VNX-TF-002 – Terraform AWS Security Group with Unrestricted Ingress (0.0.0.0/0)
Overview
This rule flags Terraform .tf files where a security group ingress rule specifies cidr_blocks = ["0.0.0.0/0"] or ipv6_cidr_blocks = ["::/0"]. These CIDR blocks represent the entire IPv4 or IPv6 internet respectively, meaning the security group rule permits connections from any source address on the internet.
The rule confirms the context is an ingress block by checking for the ingress keyword in the surrounding lines. AWS security groups act as virtual firewalls for EC2 instances, RDS databases, Lambda functions, EKS clusters, and other resources. An overly permissive ingress rule on any of these resources eliminates one of the most important layers of defense against unauthorized access.

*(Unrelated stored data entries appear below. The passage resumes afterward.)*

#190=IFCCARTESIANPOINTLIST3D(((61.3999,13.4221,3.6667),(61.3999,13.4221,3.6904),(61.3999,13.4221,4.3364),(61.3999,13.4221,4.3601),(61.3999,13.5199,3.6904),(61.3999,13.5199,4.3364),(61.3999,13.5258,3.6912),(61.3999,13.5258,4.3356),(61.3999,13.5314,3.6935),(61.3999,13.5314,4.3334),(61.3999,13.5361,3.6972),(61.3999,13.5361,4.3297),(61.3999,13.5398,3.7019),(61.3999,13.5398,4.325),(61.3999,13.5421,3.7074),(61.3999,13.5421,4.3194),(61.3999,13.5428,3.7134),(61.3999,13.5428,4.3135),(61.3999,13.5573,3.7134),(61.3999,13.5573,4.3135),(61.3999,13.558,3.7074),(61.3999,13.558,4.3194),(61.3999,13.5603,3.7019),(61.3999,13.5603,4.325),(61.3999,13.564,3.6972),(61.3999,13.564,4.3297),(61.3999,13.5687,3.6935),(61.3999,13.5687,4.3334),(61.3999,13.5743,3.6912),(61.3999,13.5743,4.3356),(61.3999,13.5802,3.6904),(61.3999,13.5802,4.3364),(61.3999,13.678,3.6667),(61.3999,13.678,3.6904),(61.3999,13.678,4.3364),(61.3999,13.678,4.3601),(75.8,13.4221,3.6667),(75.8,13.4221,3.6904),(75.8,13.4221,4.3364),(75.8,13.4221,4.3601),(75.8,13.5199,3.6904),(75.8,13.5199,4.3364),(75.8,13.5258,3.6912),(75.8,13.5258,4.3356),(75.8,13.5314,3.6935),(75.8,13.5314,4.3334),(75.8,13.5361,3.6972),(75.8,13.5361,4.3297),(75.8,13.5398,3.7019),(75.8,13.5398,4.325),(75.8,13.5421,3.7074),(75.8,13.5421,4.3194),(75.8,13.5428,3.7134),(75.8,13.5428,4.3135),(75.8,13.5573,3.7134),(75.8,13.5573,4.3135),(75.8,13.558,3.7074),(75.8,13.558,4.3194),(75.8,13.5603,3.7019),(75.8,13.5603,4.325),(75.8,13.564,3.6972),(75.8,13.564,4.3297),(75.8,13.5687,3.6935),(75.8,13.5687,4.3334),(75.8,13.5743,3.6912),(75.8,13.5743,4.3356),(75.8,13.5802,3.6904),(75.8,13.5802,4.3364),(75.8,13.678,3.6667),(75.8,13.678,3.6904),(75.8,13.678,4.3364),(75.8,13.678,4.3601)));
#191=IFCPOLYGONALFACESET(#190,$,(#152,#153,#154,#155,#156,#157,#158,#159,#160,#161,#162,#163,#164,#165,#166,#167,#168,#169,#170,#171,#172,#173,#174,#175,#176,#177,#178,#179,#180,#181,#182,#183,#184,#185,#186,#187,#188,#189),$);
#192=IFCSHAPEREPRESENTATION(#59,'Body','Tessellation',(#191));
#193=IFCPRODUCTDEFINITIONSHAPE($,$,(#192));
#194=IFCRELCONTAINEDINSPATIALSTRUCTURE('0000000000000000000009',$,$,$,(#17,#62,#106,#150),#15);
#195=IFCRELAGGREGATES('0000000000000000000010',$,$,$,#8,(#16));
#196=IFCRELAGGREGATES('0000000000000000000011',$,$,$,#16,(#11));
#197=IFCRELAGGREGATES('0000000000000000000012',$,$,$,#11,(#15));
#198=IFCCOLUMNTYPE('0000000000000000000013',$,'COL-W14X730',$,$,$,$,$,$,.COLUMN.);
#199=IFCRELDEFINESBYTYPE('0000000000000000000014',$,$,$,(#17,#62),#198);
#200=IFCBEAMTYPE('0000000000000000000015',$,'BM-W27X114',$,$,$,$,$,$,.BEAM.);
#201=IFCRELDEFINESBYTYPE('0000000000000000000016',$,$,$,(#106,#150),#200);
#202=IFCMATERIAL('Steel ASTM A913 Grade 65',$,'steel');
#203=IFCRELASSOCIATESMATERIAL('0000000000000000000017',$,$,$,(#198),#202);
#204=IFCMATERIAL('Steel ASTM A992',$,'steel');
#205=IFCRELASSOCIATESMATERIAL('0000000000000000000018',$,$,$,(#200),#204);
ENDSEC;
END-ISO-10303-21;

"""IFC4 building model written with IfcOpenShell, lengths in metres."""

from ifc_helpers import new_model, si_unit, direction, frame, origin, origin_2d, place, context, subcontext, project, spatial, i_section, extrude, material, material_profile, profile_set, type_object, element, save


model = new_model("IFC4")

This rule corresponds to CWE-1220: Insufficient Granularity of Access Control.
Severity: High | CWE: CWE-1220 – Insufficient Granularity of Access Control
Why This Matters
Security groups are the primary network-level access control in AWS. When a security group allows traffic from 0.0.0.0/0, the protected resource is reachable from anywhere on the internet. This dramatically expands the attack surface: automated scanners probe every public IP address for open ports, and any vulnerability in the exposed service — an unpatched CVE, a weak password, or a misconfigured endpoint — can be exploited by attackers worldwide.
The practical consequences depend on what service is exposed. An SSH port (22) open to 0.0.0.0/0 is continuously brute-forced within minutes of the resource becoming reachable. An RDS database port (3306, 5432) open to the internet allows direct authentication attacks against the database. An internal API endpoint that was only intended to receive traffic from other services within the VPC can be accessed directly, bypassing any application-level authentication layers that assumed internal network trust.

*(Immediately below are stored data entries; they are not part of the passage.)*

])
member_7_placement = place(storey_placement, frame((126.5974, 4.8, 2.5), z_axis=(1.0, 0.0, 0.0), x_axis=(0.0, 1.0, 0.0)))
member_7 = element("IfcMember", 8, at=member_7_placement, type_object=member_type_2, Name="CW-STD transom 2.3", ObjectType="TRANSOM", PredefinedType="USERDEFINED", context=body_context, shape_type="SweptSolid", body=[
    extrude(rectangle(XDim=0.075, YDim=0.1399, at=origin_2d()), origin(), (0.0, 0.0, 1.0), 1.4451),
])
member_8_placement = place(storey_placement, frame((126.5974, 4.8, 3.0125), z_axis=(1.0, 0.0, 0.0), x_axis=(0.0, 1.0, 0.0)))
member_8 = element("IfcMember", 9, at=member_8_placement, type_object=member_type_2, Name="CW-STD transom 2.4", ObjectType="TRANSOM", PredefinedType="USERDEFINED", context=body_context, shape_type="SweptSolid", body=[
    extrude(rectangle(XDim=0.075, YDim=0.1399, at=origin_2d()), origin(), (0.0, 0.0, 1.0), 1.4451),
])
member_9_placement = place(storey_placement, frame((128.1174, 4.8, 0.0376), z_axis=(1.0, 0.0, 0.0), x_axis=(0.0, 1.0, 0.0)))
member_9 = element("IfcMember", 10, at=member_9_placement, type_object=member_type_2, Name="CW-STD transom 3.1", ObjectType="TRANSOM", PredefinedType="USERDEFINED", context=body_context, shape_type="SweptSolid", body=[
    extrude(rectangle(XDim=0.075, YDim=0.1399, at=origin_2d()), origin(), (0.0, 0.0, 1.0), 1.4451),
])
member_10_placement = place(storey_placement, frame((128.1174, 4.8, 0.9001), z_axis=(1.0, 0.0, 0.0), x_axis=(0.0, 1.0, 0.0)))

Even for services that are intended to be publicly accessible (web servers on port 443), best practice is to restrict as much as operationally possible and to use a load balancer or CDN as the public endpoint, keeping the underlying instances in private subnets.
What Gets Flagged
The rule matches .tf files where a CIDR block of 0.0.0.0/0 or ::/0 appears within an ingress block context.
# FLAGGED: SSH open to the entire internet
resource "aws_security_group" "bastion" {
ingress {
from_port = 22
to_port = 22
protocol = "tcp"
cidr_blocks = ["0.0.0.0/0"]
}
}
# FLAGGED: database port open to IPv6 internet
resource "aws_security_group" "database" {
ingress {
from_port = 5432
to_port = 5432
protocol = "tcp"
ipv6_cidr_blocks = ["::/0"]
}
}
Remediation
- Restrict ingress CIDR blocks to only the IP ranges that legitimately need access. For internal services, use the VPC CIDR. For services accessed by specific offices or partners, use their IP ranges. For public-facing services, use an ALB or NLB in front:
# SAFE: restrict SSH to a specific bastion or corporate IP range
resource "aws_security_group" "bastion" {
ingress {
from_port = 22
to_port = 22
protocol = "tcp"
cidr_blocks = ["203.0.113.0/24"] # your corporate egress range
}
}
- Use security group references instead of CIDR blocks for service-to-service communication. Reference the source security group by ID rather than its IP range — this is more robust and requires no updates when IP addresses change:
# SAFE: only allow traffic from the web tier security group
resource "aws_security_group_rule" "db_from_web" {
type = "ingress"
from_port = 5432
to_port = 5432
protocol = "tcp"
source_security_group_id = aws_security_group.web.id
security_group_id = aws_security_group.database.id
}
- Place services that do not need to be internet-facing in private subnets and ensure their security groups only accept traffic from within the VPC or from a load balancer.